Regularly as the deputies arrived, Mayenne went to each of them, saying
privately, "Gentlemen, you see what the question is; it is the very
chiefest of all matters (_res maxima rerum agitur_). I beg you to give
your best attention to it, and to so act that the adversaries steal no
march on us and get no advantage over us. Nevertheless, I mean to abide
by what I have promised them." Mayenne was quite right: it was certainly
the chiefest of all matters. The head of the Protestants of France, the
ally of all the Protestants in Europe - should he become a Catholic and
King of France? The temporal head of Catholic Europe, the King of Spain
- should he abolish the Salic law in France, by placing upon it his
daughter as queen, and dismember France to his own profit and that of the
leaders of the League, his hirelings rather than his allies? Or,
peradventure, should one of these Leaguer-chiefs be he who should take
the crown of France, and found a new dynasty there? And which of these
Leaguer-chiefs should attain this good fortune? A half-German or a true
Frenchman? A Lorraine prince or a Bourbon? And, if a Lorraine prince,
which? The Duke of Mayenne, military head of the League, or his uterine
brother, the Duke of Nemours, or his nephew the young Duke of Guise, son
of the Balafrc? All these questions were mooted, all these pretensions
were on the cards, all these combinations had their special intrigue.

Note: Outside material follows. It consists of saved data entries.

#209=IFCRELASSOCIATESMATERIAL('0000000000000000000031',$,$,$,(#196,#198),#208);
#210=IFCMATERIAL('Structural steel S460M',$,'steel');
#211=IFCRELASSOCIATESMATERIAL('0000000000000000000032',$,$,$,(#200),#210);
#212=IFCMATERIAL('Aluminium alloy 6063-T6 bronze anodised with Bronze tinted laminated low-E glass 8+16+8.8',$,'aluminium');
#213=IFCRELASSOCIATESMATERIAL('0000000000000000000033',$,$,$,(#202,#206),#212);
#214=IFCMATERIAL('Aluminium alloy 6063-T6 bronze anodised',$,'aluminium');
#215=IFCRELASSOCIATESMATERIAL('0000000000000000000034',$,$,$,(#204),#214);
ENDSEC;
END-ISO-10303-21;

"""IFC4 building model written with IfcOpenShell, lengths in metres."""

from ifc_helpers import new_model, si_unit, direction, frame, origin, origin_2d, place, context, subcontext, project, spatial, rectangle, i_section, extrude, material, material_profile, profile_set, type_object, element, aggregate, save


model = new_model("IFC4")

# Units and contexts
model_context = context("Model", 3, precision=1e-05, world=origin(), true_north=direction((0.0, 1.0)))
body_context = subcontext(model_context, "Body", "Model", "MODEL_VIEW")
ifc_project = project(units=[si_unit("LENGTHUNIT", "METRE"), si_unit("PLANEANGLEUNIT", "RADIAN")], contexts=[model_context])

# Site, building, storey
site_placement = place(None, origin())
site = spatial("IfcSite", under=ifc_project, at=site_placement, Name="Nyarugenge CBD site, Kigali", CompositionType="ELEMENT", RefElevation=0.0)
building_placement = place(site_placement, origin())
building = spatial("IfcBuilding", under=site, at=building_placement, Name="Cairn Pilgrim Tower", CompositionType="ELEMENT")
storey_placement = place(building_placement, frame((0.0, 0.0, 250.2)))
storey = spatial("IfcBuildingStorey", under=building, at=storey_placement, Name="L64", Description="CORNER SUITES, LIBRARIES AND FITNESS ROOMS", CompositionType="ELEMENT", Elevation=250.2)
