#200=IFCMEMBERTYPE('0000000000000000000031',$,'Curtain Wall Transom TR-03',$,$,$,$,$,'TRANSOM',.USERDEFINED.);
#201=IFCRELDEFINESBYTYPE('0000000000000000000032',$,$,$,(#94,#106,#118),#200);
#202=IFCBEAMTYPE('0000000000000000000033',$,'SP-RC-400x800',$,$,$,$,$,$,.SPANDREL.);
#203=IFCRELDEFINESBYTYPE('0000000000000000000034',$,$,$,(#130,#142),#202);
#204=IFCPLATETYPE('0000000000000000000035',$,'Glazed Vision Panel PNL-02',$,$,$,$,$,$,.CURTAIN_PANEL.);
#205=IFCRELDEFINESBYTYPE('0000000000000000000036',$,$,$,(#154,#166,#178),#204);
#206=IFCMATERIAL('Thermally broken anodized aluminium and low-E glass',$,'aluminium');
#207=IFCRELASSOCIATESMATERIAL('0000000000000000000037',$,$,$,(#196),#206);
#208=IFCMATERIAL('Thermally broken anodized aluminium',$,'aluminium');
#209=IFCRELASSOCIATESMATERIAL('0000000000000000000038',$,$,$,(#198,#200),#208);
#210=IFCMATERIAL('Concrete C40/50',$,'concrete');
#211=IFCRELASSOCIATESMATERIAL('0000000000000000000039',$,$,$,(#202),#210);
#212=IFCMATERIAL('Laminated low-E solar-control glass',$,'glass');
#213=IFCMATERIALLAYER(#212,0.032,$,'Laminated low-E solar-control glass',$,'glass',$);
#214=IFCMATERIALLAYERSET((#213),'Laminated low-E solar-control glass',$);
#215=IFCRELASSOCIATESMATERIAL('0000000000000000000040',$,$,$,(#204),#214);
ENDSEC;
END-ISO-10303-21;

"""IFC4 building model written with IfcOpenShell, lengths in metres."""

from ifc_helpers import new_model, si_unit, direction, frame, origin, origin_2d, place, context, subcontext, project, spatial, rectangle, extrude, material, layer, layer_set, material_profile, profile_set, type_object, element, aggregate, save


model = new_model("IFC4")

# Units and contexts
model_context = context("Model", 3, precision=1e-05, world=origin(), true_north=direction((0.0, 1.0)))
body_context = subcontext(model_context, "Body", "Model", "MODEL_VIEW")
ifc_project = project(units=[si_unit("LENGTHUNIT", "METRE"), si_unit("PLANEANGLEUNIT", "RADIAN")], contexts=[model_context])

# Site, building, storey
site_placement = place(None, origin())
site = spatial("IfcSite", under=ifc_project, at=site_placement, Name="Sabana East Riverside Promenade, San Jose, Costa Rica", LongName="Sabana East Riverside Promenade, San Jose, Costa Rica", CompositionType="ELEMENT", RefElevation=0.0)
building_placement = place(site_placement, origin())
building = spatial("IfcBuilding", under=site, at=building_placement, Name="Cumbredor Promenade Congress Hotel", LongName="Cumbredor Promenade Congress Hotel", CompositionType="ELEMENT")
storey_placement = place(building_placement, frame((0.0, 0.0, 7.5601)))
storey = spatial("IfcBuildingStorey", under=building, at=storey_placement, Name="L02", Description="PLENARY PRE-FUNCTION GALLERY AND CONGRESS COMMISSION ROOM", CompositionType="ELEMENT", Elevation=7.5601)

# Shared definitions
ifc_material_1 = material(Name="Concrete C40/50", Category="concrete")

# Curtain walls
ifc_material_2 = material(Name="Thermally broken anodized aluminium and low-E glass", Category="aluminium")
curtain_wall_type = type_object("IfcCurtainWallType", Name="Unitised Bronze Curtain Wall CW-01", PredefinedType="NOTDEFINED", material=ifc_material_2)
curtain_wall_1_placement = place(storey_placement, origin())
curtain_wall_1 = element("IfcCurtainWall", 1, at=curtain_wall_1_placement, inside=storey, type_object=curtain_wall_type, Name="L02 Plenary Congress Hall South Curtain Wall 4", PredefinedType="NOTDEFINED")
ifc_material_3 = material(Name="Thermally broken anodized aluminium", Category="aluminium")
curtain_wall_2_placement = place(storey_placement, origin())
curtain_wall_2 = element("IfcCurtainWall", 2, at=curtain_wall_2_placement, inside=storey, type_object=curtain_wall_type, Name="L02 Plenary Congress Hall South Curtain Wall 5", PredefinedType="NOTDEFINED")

And in the competition upon which they entered with one another, at the
same time that they were incessantly laying traps for one another, they
kept up towards one another, because of the uncertainty of their chances,
a deceptive course of conduct often amounting to acts of downright
treachery committed without scruple, in order to preserve for themselves
a place and share in the unknown future towards which they were moving.